A Study to Evaluate the Safety of the Coadministration of ANS-6637 and Ethanol

Status:
Completed

Trial end date:
2017-11-15

Target enrollment:
0

Participant gender:
Male

Summary

This is a single-center, randomized, double-blind, placebo-controlled, single-ascending-dose study to evaluate the safety and tolerability of the coadministration of up to 6 dose levels of ANS-6637 and EtOH in healthy male moderate alcohol drinkers. The study will include a screening visit, a qualification visit, a Treatment Phase and follow-up.

Phase:

Phase 1

Accepts Healthy Volunteers?

Accepts Healthy Volunteers

Details

Lead Sponsor:

Amygdala Neurosciences, Inc.

Treatments:

Ethanol

Criteria

Inclusion Criteria:

1. Male adults, between 21 and 45 years of age, inclusive.

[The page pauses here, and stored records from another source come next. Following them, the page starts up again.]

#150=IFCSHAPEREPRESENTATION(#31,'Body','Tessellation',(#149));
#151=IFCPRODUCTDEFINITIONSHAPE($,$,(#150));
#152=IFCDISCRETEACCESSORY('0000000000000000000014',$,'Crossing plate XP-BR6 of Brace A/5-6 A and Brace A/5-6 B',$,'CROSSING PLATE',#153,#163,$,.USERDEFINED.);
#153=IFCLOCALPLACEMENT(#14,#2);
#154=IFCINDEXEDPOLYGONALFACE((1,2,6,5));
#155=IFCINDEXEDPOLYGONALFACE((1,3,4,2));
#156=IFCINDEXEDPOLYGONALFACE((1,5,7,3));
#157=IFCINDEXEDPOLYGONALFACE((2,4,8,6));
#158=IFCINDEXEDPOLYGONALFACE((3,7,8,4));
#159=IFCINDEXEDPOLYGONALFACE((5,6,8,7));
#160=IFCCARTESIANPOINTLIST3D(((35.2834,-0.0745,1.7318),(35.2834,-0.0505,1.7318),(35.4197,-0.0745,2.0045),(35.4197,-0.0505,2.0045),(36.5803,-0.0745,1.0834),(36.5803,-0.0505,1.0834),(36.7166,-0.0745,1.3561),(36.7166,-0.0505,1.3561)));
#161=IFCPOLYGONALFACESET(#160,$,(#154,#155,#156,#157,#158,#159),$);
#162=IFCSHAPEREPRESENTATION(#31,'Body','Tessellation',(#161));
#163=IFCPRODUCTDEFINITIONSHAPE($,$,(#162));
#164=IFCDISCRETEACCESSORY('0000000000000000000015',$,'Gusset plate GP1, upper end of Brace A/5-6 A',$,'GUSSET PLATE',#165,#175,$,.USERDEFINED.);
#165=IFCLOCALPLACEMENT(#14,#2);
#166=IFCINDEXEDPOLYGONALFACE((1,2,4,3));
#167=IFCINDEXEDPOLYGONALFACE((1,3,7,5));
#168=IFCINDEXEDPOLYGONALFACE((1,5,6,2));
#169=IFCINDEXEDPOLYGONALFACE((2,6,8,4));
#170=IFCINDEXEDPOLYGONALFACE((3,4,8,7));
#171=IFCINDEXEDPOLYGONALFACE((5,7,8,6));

2. Body mass index (BMI) within 19.0 to 34.0 kg/m2, inclusive (minimum weight of at least
50.0 kg at screening).

3. Resting semisupine vital signs at screening and each clinic admission within the
following ranges:

1. Systolic blood pressure 90 to 140 mmHg

2. Diastolic blood pressure of 50 to 90 mmHg

3. Heart rate of 40 to 90 beats per minute (bpm)

4. Current alcohol users who are self-reported moderate drinkers, defined as having
consumed 7 to 21 standard drinks per week on average in the 6 months prior to
screening and having consumed ≥5 standard drinks on at least 1 occasion in the 30 days
prior to screening. One standard alcoholic drink (14 grams of EtOH) is equivalent to
43 mL (1.5 oz) hard liquor, 142 mL (5 oz) wine or 341 mL (12 oz) beer.

Exclusion Criteria:

1. Drug or alcohol dependence within the 12 months prior to screening (except nicotine),
as defined by the Diagnostic and Statistical Manual of Mental Disorders, 4th edition,
text revision (DSM-IV-TR), or any self-reported dependence or "addiction" within the
subject's lifetime (except nicotine or caffeine).

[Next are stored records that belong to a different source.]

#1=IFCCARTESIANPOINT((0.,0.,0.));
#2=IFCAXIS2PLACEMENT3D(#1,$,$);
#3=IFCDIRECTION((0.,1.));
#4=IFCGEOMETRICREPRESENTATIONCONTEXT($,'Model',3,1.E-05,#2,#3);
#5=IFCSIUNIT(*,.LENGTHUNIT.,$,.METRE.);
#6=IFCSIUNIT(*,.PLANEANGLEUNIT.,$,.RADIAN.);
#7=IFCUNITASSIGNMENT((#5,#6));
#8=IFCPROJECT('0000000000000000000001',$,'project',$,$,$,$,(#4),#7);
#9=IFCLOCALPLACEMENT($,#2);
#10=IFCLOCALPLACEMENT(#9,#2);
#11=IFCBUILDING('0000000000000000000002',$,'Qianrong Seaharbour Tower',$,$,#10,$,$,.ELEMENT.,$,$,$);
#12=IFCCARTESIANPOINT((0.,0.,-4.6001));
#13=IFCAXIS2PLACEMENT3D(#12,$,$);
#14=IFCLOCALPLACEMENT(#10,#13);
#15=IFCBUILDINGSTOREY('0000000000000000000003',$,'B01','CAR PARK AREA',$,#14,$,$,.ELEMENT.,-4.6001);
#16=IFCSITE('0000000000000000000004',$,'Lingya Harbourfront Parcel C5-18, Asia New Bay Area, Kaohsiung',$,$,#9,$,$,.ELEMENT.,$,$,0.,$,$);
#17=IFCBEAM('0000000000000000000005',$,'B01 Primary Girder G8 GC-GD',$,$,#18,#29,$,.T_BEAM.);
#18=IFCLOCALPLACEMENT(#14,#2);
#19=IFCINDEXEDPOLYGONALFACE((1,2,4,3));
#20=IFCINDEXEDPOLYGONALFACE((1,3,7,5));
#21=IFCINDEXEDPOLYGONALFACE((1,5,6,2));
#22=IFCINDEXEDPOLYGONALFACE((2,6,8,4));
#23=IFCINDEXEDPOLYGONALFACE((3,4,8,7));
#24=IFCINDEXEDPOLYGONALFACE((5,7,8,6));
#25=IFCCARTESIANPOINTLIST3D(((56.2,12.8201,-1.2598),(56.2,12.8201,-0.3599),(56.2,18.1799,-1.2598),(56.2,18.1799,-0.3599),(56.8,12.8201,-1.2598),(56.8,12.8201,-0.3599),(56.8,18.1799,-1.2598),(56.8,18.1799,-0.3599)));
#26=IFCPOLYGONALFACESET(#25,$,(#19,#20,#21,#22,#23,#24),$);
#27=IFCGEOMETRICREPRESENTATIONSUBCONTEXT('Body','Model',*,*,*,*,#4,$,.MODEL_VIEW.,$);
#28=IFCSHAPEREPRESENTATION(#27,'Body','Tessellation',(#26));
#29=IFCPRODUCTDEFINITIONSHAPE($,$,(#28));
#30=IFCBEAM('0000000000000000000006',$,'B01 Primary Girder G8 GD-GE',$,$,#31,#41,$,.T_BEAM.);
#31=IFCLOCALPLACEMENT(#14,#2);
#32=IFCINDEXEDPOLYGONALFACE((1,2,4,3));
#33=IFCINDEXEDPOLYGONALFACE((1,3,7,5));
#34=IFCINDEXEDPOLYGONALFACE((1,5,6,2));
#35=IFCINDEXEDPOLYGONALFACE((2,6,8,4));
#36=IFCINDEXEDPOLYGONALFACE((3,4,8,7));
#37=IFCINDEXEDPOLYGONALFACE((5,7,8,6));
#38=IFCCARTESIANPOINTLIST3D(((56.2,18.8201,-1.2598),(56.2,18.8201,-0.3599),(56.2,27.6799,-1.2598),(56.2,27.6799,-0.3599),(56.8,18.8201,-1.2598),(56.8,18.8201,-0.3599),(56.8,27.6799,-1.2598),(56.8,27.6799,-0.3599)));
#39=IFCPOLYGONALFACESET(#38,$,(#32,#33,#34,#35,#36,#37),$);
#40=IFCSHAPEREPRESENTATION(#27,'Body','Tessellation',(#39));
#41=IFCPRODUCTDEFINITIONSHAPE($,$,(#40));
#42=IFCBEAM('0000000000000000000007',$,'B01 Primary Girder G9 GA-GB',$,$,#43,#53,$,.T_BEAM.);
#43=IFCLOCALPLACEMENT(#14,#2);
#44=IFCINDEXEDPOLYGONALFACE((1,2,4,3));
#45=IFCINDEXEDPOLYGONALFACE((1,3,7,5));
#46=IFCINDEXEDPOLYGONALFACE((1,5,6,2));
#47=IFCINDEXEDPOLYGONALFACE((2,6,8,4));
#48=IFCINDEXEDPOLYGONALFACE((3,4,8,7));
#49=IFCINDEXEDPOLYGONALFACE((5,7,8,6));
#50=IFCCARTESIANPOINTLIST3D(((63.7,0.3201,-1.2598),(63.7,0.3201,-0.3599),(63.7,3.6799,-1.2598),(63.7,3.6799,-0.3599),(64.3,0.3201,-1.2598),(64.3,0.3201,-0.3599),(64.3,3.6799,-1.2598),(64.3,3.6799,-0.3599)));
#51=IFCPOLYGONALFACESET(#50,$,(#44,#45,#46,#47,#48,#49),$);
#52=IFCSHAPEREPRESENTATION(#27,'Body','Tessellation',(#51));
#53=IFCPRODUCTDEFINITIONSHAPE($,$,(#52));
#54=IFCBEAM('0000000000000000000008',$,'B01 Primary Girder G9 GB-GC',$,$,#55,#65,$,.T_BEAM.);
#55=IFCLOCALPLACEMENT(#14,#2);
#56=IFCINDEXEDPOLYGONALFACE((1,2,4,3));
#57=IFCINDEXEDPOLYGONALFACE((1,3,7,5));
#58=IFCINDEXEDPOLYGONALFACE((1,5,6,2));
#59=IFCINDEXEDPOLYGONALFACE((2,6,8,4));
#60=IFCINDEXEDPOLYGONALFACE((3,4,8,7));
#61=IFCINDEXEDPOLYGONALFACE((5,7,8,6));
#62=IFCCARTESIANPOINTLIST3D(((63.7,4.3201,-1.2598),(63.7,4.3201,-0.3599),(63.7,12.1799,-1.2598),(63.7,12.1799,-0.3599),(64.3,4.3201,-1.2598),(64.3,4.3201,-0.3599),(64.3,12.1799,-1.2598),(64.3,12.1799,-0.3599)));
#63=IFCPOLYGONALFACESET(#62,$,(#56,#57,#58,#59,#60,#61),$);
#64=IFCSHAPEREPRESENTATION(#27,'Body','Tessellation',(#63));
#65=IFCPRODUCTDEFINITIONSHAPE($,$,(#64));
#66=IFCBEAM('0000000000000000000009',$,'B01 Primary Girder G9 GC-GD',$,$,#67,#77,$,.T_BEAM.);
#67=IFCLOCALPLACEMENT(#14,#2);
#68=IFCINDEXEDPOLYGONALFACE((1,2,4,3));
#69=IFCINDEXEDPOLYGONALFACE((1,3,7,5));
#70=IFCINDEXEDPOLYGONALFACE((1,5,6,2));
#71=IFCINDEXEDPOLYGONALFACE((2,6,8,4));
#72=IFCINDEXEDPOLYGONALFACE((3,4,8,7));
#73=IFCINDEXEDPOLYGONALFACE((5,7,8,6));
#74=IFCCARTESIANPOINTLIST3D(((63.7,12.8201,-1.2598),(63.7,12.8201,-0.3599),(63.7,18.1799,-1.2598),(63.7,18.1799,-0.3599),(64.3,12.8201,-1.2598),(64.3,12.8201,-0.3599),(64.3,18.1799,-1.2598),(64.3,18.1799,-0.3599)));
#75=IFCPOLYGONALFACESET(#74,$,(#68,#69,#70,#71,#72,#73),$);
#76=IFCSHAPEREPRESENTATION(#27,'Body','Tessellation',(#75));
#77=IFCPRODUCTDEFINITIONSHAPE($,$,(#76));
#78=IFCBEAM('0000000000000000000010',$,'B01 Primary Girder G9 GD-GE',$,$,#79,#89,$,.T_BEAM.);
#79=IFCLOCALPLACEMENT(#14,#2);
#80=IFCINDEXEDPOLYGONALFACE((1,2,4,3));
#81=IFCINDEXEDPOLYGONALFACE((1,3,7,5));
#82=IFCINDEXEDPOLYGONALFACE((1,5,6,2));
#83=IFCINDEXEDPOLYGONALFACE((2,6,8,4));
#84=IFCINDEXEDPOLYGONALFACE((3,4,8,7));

2. Subjects who have ever been in treatment for substance use disorder(s) (except smoking
cessation).

3. Current or prior diagnosis of any condition where alcohol consumption is
contraindicated, including, but not limited to, hypertriglyceridemia, pancreatitis,
liver disease, porphyria, and/or congestive heart failure, that is clinically
relevant, as judged by the investigator or designee.

4. Positive urine drug test for EtOH, cocaine, oxycodone and other opioids, amphetamines,
benzodiazepines and/or cannabinoids at clinic admission. Positive results may be
repeated and/or subjects rescheduled at the investigator's or designee's discretion.